Vishria Eric 4
4 · Confluent, Inc. · Filed Mar 19, 2026
Research Summary
AI-generated summary of this filing
Confluent (CFLT) Director Eric Vishria Sells 684,498 Shares
What Happened Eric Vishria, a director of Confluent, reported dispositions on March 17, 2026 that together cancel 684,498 shares of Confluent stock in connection with the company’s merger. The three reported dispositions were 663,637; 12,559; and 8,302 shares. Under the Merger Agreement, each share of Class A common stock (and RSUs covering shares) was converted into the right to receive $31.00 per share in cash, for an aggregate cash value of approximately $21,219,438.
Key Details
- Transaction date: 2026-03-17 (reported on Form 4 filed 2026-03-19).
- Transaction type/code: Disposition to issuer (D) — shares canceled and converted to cash under the Merger Agreement (not an open-market sale).
- Per-share price: $31.00 (per Merger Agreement footnote); total ≈ $21.22M.
- Reported line items: 663,637; 12,559; and 8,302 shares (total 684,498).
- Shares owned after the transaction: not specified in the filing.
- Relevant footnotes:
- F1: Each Class A share was canceled and converted into $31.00 cash (subject to tax withholding) under the Merger Agreement with IBM.
- F2: Some shares were held by entities controlled by the reporting person.
- F3: RSUs were canceled and converted into a cash payment equal to the Per Share Price × number of RSU-covered shares.

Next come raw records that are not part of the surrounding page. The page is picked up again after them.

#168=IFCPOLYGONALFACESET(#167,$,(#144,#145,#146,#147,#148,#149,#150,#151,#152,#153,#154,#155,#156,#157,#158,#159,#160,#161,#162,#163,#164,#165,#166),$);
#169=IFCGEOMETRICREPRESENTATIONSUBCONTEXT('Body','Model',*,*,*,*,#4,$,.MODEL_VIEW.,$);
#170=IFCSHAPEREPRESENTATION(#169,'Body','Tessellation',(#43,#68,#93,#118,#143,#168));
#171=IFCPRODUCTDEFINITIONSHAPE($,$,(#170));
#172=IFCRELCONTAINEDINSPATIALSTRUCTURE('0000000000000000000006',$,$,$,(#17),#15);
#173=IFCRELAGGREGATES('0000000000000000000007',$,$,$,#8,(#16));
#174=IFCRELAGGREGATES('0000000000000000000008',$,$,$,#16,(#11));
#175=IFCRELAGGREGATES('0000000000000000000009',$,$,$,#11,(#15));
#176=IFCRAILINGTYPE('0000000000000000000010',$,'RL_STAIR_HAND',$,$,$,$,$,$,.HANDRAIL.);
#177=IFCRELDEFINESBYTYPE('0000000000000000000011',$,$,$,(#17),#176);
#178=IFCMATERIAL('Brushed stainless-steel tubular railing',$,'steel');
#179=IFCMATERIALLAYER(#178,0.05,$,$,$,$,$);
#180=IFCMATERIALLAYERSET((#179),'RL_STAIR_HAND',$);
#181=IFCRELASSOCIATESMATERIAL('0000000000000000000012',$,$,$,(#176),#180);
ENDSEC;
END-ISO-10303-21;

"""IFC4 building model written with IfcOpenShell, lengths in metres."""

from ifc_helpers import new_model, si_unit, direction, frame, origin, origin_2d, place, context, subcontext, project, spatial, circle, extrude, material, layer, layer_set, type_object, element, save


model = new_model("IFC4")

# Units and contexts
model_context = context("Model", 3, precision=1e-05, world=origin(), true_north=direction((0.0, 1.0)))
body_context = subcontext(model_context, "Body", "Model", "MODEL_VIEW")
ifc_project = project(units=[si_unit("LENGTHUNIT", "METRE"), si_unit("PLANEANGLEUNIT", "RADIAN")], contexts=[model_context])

- Timeliness: Form 4 filed on 2026-03-19 for transactions on 2026-03-17 (appears timely within the Form 4 two-business-day filing window).
Context
- These dispositions resulted from a corporate merger payment (cash-out of shares and RSUs) and are administrative/transactional rather than an open-market sale by the insider. Such merger-related cancellations typically reflect deal terms, not necessarily the insider’s view on the company’s future prospects.
- For retail investors: purchases or open-market sales by insiders can be more informative about sentiment; merger cash-outs are routine outcomes of a negotiated transaction.

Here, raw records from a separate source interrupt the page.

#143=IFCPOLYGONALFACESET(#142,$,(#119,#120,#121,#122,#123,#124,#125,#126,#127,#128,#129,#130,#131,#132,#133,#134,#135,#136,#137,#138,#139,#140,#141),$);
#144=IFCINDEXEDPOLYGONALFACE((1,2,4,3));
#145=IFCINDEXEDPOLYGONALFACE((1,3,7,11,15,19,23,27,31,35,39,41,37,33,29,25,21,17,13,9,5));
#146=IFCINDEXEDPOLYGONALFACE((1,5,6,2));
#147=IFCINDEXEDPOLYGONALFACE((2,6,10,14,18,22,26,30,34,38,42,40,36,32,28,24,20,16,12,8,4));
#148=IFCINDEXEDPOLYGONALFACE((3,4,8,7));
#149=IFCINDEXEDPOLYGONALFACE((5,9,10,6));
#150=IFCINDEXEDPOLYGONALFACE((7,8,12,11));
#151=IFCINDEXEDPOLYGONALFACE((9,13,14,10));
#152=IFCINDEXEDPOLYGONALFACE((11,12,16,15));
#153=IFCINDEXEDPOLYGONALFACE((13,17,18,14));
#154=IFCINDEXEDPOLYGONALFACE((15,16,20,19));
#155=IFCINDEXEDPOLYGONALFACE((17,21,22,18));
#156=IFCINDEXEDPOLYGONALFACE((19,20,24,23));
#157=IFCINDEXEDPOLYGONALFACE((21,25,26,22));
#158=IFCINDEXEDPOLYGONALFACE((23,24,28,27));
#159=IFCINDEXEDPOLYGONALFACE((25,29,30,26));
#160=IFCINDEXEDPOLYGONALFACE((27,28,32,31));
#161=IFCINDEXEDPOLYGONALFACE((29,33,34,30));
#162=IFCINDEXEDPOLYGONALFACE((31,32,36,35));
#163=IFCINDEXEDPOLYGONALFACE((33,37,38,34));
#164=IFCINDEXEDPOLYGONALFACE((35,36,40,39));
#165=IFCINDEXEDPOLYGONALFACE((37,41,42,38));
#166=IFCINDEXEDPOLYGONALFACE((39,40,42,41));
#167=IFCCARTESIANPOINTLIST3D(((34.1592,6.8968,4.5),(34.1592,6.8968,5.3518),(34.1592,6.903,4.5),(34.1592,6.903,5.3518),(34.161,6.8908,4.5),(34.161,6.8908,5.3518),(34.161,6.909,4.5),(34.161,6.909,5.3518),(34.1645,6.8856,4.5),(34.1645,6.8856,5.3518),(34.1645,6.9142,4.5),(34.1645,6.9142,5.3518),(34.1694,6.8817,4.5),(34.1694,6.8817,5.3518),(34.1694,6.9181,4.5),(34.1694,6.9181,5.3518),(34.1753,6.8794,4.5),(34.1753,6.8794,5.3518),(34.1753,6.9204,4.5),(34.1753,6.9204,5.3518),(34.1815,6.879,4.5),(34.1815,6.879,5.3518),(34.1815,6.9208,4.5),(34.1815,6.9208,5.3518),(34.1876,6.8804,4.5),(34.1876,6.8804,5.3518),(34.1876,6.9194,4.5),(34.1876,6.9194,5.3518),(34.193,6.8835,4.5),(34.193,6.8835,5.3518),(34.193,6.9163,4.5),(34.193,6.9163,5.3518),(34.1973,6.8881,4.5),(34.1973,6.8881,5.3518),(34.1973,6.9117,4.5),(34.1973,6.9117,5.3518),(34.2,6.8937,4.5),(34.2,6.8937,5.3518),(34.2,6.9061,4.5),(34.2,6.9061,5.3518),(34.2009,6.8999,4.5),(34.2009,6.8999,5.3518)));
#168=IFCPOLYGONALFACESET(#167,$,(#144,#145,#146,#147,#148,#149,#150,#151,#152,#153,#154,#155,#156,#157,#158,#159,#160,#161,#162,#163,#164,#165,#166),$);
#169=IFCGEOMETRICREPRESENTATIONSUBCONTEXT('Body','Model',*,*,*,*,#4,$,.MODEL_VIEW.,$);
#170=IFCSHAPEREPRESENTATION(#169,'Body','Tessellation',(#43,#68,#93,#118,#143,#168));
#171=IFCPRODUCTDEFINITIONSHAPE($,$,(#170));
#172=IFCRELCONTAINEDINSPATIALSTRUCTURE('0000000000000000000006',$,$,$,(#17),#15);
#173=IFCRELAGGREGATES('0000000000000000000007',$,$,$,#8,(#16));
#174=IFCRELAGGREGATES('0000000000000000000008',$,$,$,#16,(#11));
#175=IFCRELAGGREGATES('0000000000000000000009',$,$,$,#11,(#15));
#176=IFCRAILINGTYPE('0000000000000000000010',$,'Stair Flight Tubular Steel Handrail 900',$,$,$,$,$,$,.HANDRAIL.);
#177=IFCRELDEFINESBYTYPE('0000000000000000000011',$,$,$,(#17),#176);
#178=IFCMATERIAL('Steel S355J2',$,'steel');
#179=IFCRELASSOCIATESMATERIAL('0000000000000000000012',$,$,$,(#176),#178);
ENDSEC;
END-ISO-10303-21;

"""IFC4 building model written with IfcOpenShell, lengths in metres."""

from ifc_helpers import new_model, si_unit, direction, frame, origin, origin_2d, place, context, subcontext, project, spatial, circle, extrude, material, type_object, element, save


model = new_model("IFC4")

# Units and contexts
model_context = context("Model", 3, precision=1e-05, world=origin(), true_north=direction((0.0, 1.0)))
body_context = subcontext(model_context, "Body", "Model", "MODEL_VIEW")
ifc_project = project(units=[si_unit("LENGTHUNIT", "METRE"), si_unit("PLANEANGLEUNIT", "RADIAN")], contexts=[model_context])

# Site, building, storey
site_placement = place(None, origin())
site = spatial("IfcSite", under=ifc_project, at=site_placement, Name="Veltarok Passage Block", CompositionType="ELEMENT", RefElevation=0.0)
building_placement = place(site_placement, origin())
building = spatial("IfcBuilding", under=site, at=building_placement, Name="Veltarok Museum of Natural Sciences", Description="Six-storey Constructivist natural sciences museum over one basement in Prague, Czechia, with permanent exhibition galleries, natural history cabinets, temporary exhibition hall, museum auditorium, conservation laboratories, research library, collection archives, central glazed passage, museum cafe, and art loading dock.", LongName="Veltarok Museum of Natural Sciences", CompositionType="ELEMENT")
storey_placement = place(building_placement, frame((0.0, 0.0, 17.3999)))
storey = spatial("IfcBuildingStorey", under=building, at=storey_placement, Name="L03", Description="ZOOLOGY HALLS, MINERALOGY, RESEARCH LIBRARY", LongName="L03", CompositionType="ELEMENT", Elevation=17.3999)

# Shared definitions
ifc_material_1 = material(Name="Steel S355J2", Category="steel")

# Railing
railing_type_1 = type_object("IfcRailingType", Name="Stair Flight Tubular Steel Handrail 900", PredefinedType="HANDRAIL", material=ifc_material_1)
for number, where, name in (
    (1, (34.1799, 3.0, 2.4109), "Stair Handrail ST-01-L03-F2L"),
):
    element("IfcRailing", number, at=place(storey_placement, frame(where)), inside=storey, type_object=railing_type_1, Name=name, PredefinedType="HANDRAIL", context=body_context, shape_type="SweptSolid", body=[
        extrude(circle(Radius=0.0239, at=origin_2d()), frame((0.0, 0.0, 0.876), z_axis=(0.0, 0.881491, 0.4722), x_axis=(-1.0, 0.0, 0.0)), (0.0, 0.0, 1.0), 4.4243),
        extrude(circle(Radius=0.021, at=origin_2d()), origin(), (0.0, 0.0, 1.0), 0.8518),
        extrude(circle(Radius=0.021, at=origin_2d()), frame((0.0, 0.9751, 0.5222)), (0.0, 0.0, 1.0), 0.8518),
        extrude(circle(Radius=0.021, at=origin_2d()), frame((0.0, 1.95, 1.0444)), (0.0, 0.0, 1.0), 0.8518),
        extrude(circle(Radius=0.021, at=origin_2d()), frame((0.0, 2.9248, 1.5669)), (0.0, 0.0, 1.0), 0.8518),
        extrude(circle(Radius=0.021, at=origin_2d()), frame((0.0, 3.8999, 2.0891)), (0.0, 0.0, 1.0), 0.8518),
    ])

Insider Transaction Report
Form 4Exit
Confluent, Inc.CFLT
Vishria Eric
Director
Transactions
- Disposition to Issuer
Class A Common Stock
[F1]2026-03-17−12,559→ 0 total - Disposition to Issuer
Class A Common Stock
[F1][F2]2026-03-17−663,637→ 0 total(indirect: See footnote) - Disposition to Issuer
Restricted Stock Units
[F3]2026-03-17−8,302→ 0 total
Footnotes (3)
- [F1]Pursuant to the Agreement and Plan of Merger, dated December 7, 2025, by and among the Issuer, International Business Machines Corporation and Corvo Merger Sub, Inc. (the "Merger Agreement"), each share of Issuer Class A Common Stock was canceled and converted into the right to receive $31.00 per share in cash (the "Merger Consideration" or the "Per Share Price"), without interest and subject to applicable withholding taxes.
- [F2]Shares are held by entities controlled by the reporting person.
- [F3]Pursuant to the Merger Agreement, the RSUs were canceled in exchange for the right to receive an amount in cash, subject to applicable withholding taxes, equal to the product of (a) the Per Share Price multiplied by (b) the total number of shares of Class A Common Stock covered by the RSUs.